Cases heard by the Appeal Board of the FSB often provide more stringent legal certainty to matters in the financial services industry, particularly in so far as decisions by the FSB itself and the FAIS Ombud are concerned.
We commented before on some cases where the grounds for appeal border on the absurd, seasoned by a strong helping of arrogance. The latest case sets new standards in this regard.
The Registrar’s decision
On 28 April 2017, the FSB debarred the appellant from rendering financial services for a period of five years, based on the following grounds:
1. The appellant no longer met the requirements contemplated in section 8 of the FAIS Act with reference to character qualities of honesty and integrity; and
2. contravened sections 2 and 3(1)(d) of the General Code of Conduct
This stemmed from the fact that the appellant submitted fictitious and/or fraudulent Discovery HIV and Pathology Screening Request Forms for purposes of undergoing blood tests in respect of policy applications for his clients. These forms were found to be fictitious and/or fraudulent in that the appellant’s clients’ signatures appearing thereon were forged.
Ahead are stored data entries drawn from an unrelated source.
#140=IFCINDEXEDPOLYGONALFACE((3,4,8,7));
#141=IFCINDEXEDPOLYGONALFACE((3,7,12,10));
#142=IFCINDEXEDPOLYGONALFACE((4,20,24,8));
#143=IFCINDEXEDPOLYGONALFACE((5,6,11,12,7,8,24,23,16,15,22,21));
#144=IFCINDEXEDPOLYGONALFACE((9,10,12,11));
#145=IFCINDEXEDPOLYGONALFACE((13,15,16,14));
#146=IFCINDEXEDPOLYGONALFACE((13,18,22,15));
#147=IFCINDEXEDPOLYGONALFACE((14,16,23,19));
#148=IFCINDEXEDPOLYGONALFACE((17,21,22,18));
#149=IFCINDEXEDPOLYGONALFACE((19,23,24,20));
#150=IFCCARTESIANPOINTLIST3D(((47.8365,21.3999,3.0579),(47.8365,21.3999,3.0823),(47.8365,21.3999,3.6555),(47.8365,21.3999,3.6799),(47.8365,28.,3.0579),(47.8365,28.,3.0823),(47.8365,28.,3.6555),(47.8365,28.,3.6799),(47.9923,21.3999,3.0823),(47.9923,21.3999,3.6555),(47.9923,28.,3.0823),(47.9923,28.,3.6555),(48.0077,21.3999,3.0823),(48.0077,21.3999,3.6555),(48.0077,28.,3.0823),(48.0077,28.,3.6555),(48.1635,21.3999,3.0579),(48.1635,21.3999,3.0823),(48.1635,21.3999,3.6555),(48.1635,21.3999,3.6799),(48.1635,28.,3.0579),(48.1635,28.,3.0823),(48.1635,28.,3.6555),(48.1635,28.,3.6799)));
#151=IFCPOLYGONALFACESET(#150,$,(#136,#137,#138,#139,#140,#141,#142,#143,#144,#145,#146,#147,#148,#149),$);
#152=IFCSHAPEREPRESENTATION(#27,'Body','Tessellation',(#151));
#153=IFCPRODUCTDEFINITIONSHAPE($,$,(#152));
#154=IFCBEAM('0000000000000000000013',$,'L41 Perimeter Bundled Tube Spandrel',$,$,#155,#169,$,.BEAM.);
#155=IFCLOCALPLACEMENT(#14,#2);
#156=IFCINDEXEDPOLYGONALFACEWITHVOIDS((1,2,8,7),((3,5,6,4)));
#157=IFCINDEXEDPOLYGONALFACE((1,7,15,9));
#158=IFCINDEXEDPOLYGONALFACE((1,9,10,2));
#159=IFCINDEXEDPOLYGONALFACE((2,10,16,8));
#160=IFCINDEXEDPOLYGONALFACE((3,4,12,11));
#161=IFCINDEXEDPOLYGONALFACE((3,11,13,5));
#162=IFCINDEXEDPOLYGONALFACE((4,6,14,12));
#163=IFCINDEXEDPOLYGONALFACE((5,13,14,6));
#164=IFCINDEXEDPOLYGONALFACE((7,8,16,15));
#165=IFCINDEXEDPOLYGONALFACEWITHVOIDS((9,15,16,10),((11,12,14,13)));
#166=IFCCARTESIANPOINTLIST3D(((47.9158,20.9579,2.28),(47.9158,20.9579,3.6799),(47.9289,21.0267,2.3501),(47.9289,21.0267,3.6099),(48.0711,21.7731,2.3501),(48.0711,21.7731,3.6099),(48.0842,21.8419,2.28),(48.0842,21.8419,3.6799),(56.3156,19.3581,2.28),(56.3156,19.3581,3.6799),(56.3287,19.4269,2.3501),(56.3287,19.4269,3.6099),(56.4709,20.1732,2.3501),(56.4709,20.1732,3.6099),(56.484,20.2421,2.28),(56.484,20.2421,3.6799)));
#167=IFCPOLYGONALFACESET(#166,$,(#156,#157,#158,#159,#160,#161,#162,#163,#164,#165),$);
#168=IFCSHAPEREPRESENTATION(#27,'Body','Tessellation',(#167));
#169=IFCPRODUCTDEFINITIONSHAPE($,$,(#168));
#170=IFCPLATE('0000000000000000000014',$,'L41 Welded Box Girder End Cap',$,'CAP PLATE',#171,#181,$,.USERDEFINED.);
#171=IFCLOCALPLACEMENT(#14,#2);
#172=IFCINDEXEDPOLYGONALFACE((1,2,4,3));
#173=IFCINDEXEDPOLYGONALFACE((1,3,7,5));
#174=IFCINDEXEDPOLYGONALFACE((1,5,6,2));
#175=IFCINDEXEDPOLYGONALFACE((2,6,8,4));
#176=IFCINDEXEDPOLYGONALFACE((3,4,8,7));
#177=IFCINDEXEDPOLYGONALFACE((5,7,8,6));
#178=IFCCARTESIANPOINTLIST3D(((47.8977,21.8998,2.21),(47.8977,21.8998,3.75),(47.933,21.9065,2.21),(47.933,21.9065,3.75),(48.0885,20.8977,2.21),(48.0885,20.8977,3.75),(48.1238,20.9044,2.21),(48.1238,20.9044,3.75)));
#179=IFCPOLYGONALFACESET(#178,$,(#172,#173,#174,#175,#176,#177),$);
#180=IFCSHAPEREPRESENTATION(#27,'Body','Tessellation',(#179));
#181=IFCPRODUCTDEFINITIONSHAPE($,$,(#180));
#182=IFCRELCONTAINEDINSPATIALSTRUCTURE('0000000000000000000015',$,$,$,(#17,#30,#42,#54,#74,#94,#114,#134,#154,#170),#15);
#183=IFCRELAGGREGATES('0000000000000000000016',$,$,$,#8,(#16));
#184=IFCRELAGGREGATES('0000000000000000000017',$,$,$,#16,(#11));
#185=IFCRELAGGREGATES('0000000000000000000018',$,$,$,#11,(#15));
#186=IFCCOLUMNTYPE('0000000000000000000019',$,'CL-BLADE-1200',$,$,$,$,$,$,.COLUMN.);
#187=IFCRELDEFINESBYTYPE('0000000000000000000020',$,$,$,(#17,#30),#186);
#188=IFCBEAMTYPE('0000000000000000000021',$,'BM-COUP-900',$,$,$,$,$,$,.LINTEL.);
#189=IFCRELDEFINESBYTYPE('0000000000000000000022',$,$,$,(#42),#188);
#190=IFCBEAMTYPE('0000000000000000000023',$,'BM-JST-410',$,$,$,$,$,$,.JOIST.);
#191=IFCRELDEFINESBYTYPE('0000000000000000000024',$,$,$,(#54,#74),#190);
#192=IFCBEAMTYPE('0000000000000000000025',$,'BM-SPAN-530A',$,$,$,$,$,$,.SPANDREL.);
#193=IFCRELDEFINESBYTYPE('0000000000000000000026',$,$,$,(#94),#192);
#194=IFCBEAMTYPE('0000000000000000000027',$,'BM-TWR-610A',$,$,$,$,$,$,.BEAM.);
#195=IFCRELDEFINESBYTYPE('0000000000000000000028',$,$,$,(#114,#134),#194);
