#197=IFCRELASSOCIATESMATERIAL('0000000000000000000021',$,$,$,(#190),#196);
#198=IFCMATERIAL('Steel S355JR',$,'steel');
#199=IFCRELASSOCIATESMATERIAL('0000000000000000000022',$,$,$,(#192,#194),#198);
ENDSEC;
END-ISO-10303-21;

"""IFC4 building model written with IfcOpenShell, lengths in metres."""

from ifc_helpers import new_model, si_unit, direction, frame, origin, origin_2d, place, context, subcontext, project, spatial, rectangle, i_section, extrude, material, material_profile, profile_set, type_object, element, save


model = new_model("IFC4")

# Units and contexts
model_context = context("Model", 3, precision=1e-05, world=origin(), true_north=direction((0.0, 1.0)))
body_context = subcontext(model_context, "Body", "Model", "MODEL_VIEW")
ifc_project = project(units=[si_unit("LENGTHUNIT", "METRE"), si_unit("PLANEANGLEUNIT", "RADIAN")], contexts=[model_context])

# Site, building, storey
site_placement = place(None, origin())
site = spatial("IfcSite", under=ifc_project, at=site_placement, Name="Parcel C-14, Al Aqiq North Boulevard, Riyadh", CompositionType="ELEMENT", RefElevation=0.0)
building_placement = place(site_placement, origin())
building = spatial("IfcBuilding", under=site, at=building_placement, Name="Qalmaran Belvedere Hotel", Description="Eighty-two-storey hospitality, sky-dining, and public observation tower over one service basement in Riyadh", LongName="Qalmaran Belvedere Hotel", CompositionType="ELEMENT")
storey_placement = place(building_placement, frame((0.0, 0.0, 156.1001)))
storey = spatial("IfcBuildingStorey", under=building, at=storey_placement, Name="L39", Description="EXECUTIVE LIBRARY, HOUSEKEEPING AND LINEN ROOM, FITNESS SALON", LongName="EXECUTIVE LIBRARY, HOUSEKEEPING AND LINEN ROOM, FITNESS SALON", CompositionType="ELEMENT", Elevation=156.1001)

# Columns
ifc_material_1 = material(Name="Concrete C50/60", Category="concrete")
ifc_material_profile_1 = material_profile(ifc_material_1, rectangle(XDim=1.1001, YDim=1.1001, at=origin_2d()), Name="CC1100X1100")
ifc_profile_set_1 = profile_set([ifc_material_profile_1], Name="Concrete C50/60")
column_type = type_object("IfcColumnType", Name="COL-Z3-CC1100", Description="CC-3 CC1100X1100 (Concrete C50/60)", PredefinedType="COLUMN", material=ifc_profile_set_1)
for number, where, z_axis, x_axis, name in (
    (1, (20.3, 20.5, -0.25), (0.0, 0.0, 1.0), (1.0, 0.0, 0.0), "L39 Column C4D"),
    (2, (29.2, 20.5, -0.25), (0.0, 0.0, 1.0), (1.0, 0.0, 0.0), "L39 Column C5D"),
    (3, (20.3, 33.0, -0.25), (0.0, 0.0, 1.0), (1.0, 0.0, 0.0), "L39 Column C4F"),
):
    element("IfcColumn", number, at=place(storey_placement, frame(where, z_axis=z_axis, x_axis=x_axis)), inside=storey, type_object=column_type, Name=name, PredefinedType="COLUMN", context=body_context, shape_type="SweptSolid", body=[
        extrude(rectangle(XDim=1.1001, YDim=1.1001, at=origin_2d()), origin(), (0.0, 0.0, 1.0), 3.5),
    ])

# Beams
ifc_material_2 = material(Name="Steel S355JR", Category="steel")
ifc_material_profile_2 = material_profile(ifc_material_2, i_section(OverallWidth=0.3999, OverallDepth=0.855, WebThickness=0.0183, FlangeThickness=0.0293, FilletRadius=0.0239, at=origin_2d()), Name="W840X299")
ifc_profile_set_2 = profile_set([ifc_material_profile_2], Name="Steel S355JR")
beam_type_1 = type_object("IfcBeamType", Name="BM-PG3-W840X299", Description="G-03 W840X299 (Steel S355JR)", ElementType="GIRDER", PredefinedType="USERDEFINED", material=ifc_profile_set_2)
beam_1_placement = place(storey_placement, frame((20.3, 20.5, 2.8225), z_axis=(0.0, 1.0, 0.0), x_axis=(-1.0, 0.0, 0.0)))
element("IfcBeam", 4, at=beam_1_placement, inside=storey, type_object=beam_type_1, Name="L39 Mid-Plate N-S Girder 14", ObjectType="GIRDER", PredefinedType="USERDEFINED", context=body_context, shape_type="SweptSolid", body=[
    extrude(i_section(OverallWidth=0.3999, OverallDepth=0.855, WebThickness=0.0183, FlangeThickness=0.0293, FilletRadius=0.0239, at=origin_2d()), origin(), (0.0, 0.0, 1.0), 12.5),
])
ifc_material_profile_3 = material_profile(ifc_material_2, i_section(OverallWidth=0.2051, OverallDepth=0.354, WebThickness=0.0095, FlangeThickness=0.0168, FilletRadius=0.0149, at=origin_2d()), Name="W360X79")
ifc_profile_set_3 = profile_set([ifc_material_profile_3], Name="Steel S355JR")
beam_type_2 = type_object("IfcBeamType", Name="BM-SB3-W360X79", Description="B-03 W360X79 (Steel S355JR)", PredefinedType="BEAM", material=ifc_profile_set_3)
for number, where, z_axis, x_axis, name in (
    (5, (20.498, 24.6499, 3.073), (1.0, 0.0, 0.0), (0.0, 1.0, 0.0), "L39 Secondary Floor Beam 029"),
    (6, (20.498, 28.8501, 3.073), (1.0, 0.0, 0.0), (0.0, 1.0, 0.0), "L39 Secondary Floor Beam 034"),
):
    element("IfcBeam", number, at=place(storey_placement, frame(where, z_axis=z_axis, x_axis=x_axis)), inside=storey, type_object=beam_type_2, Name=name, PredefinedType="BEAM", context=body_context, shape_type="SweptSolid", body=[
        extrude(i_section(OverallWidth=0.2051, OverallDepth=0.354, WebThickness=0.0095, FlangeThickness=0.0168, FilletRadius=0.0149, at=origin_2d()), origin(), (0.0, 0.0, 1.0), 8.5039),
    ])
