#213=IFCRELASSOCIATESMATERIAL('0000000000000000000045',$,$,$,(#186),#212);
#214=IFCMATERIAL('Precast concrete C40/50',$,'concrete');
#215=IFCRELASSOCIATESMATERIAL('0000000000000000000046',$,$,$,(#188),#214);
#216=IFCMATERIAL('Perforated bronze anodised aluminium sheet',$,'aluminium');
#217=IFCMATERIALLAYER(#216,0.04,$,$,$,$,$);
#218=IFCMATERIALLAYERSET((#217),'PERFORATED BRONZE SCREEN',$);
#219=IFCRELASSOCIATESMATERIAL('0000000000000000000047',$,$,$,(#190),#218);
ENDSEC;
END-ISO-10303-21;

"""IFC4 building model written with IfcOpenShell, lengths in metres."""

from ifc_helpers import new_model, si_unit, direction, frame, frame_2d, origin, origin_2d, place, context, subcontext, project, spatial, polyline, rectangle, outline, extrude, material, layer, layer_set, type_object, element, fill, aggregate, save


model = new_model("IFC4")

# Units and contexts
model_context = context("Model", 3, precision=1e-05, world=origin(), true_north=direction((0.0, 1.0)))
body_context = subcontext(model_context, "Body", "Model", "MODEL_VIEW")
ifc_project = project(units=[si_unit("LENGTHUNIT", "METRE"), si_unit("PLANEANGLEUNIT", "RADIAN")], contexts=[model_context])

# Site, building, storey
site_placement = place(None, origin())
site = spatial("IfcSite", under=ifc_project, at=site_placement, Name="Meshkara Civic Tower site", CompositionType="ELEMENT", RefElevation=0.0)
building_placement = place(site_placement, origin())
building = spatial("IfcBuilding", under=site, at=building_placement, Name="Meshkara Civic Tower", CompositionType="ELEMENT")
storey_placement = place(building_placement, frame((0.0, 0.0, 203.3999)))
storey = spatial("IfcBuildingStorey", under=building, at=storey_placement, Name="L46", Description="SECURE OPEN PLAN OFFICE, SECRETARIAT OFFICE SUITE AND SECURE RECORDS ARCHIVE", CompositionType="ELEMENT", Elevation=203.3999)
The appellant colluded with an employee and former employee of Lancet to identify other patients with favourable blood screening results and to swop the appellant’s clients’ blood samples with extra samples of these other patients.
The appellant’s case
1. The Registrar could not rely on the handwriting examination reports of Discovery’s expert (Mr Van Vuuren) to substantiate the appellant’s disbarment as van Vuuren’s expertise was not established;
2. No reliance could be placed on the evidence of the two Lancet’s employees implicating the appellant due to their contradictory evidence. According to the appellant, it could well have been that they ran a scam on their own;
3. The Registrar failed to follow due process and her actions were one sided and biased and lacked objectivity;
4. Lastly, should the Appeal Board find that the Registrar was justified to debar the appellant, the debarment period was too harsh.
The Appeal Board findings
“The appellant was in the course of the protracted investigation confronted with many allegations, confirmed by affidavits, concerning his misconduct. The appellant chose, through his former attorneys of record, to avoid the issues, attack the messenger and the character of the some of the witnesses and to raise contrived procedural issues. The obvious stratagem was to delay the day of reckoning. What is glaringly absent is the appellant’s version of the facts.” (This reminds me of someone else who shall remain nameless – editor)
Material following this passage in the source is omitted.